Unsubscribing isn’t exactly easy either. For example, Tesla warns in its privacy notice that disabling data collection “may cause your vehicle to suffer reduced functionality, serious damage, or inoperability.” In essence, the features that make a car worth buying are the same ones that draw its data.

what can you do

GM vehicle owners have some recourse

Man adjusting touch screen settings in a car Credit: mstandret | Envato Elements

Options to protect your data are limited, but there are:

  • Explore settings: Start with your vehicle’s privacy settings, which are usually hidden in the infotainment system or the manufacturer’s connected app. Look for data sharing options, telematics settings, and anything related to insurance or third-party services. Turn off what you can.
  • Check the policy: Please read the privacy policy before activating any connected features. This is tedious, no doubt, but any disclosures about data sharing are hidden in the fine print.
  • Return your data: If you own a GM vehicle and used OnStar Smart Driver, you can request a copy of your data or request that it be deleted through GM Consumer Privacy Portal. The FTC order requires GM to make that option available to all American consumers.

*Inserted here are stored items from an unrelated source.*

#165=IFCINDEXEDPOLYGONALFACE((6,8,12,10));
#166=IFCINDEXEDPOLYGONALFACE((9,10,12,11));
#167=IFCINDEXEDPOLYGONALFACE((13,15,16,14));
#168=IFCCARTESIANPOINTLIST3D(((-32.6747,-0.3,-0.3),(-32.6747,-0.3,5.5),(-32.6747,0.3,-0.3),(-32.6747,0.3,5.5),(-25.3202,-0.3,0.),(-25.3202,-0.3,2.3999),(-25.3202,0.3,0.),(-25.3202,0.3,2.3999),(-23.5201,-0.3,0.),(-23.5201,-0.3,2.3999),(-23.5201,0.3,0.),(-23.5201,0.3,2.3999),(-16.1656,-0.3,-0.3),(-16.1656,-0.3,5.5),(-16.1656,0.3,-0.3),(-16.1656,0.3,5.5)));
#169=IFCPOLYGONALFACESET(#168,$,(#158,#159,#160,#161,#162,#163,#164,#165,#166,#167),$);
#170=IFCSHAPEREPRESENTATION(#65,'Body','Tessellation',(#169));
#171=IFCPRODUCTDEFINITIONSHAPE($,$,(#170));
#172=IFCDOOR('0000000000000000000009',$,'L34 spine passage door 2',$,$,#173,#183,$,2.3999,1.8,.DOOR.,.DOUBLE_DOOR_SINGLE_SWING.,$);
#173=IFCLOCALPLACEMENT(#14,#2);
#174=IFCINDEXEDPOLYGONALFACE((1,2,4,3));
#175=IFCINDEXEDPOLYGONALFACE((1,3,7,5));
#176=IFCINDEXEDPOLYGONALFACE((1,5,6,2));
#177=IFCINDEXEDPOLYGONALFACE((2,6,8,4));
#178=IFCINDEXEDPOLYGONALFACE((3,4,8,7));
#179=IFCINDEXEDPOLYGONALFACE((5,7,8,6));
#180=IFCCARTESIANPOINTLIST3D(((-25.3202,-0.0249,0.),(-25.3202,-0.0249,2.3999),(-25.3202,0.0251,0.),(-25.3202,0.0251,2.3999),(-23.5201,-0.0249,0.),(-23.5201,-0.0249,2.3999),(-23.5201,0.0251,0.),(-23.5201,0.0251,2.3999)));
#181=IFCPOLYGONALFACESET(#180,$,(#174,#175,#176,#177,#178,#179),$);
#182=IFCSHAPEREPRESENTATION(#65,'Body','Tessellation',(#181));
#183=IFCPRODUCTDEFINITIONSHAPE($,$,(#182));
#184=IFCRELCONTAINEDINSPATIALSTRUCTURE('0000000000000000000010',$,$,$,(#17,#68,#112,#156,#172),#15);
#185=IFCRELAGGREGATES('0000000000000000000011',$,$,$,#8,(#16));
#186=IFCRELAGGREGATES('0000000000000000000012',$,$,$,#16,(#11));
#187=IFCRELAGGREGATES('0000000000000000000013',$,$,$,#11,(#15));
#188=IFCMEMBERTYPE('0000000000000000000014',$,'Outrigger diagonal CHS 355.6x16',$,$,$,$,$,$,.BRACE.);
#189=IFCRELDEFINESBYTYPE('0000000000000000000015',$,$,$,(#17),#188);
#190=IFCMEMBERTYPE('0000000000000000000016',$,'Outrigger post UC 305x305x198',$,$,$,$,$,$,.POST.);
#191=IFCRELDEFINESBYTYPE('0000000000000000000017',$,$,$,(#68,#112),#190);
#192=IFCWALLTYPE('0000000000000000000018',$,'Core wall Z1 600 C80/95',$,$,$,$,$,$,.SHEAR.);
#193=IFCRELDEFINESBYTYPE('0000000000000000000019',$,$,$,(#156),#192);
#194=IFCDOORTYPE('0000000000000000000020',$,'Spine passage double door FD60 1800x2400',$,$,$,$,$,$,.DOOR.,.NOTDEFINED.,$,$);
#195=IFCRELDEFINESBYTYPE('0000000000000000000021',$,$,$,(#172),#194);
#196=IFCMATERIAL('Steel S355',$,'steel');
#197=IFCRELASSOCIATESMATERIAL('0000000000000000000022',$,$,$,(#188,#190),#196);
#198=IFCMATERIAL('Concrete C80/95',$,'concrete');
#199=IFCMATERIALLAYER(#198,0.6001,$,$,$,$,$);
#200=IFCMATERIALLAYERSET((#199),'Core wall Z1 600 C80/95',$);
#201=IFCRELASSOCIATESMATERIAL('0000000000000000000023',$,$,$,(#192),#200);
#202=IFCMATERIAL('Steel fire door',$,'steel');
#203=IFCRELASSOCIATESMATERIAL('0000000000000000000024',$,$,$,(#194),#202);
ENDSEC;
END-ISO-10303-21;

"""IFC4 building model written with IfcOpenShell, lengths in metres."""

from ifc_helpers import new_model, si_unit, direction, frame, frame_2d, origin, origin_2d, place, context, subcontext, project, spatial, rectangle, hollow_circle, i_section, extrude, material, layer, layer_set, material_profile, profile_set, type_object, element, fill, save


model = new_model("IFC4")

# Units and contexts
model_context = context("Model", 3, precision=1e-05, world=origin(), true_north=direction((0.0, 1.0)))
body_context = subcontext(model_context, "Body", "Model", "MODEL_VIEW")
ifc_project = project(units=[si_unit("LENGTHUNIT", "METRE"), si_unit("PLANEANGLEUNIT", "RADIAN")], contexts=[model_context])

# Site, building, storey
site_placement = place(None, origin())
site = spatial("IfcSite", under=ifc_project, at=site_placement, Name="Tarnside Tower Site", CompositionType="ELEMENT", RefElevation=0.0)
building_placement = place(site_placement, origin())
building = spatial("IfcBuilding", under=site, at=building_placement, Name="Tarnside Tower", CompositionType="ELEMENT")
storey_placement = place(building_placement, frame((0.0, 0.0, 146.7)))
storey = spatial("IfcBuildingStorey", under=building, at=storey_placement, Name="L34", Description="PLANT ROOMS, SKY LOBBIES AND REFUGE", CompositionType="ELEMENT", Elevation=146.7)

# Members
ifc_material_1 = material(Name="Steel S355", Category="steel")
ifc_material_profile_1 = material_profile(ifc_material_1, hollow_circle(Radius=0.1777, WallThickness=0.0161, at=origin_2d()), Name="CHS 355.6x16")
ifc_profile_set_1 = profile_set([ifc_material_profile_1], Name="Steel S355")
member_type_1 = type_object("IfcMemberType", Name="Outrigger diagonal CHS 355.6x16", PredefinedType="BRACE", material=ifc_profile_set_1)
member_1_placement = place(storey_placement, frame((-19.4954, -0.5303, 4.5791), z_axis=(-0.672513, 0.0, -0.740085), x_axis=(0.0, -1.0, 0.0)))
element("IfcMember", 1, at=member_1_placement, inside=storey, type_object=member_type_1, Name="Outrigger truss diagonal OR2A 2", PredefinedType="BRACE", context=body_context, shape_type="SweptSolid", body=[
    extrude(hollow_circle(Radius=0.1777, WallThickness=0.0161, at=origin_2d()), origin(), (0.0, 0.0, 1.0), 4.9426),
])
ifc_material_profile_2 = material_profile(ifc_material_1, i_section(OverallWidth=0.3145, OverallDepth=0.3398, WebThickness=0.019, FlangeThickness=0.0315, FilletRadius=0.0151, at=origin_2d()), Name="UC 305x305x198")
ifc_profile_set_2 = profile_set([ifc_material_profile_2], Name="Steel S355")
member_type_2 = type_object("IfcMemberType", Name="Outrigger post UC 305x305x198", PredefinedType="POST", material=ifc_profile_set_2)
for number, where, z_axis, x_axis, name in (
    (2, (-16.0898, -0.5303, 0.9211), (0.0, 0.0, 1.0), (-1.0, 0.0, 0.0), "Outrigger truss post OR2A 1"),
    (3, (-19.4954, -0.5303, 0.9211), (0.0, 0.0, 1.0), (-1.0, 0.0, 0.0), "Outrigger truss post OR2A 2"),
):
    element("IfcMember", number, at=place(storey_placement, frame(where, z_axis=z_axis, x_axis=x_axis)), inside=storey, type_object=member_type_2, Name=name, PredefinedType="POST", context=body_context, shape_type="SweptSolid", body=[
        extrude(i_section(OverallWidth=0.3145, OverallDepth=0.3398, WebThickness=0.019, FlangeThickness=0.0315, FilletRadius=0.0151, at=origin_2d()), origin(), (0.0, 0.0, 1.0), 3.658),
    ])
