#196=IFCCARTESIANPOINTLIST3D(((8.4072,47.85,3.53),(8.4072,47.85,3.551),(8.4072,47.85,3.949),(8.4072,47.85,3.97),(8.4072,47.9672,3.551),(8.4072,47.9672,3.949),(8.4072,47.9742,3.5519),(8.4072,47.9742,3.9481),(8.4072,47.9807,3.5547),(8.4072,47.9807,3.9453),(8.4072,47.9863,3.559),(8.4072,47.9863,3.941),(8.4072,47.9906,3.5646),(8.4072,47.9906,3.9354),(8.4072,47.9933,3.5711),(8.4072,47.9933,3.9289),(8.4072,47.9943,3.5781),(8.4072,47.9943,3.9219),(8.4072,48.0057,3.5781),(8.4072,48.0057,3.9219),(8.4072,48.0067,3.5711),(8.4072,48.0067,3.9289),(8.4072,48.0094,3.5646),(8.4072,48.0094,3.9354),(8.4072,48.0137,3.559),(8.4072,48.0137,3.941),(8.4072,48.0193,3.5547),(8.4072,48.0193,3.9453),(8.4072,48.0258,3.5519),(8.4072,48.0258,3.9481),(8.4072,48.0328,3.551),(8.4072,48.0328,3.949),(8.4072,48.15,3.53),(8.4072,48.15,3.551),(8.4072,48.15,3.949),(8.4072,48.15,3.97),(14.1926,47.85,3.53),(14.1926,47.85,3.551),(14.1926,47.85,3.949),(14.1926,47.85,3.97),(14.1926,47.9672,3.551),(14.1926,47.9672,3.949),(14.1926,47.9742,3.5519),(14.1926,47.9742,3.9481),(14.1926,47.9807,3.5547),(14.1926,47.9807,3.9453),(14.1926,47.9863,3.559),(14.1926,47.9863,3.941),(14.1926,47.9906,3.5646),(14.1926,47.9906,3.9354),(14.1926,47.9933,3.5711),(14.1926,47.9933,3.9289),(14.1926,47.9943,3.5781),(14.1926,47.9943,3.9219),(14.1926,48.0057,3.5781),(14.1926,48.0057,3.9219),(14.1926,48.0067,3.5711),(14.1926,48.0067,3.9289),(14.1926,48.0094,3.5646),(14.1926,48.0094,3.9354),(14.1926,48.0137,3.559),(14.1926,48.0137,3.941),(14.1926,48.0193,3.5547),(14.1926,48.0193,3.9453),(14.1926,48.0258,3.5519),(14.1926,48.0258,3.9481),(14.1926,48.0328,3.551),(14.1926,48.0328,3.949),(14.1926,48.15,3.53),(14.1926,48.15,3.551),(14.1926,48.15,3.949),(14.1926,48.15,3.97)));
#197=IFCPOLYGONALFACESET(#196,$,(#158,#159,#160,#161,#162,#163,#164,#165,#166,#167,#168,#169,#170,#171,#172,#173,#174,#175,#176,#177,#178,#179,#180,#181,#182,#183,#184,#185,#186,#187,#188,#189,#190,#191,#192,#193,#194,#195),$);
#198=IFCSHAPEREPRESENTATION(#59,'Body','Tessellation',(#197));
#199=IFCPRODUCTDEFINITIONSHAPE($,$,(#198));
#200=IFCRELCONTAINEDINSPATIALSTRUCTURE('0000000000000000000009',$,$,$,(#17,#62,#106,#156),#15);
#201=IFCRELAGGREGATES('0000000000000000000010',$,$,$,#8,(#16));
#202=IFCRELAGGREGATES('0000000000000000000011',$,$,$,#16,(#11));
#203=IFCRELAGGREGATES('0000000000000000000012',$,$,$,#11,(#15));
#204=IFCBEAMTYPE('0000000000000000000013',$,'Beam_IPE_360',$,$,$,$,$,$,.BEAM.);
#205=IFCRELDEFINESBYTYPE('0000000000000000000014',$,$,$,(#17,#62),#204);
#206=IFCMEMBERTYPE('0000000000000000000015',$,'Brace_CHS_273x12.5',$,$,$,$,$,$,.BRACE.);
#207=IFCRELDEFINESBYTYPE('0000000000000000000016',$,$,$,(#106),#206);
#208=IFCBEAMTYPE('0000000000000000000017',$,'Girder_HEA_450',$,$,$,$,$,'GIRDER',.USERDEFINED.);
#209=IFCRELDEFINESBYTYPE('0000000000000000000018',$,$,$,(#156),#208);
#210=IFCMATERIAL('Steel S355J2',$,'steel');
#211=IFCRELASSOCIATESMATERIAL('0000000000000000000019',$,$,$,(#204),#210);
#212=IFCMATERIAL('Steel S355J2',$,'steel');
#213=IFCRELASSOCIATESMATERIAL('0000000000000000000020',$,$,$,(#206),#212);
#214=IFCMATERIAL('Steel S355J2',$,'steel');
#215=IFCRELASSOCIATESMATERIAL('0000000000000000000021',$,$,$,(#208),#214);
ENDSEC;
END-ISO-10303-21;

A concern for both privacy and security

The auto industry has operated with little oversight in data collection, although that is changing. The FTC has noted that data generated by vehicles is now treated as sensitive consumer information rather than a byproduct of innovation. State-level enforcement is accelerating, and several states are taking legal action.

But regulation advances more slowly than technology, and automakers still retain collected data sets that no consent order can retroactively access. Just as your television knows what you watch, your car knows where you live, where you work, when you leave and how you get there. That data, in the wrong hands, is not just a matter of privacy. It’s one of security.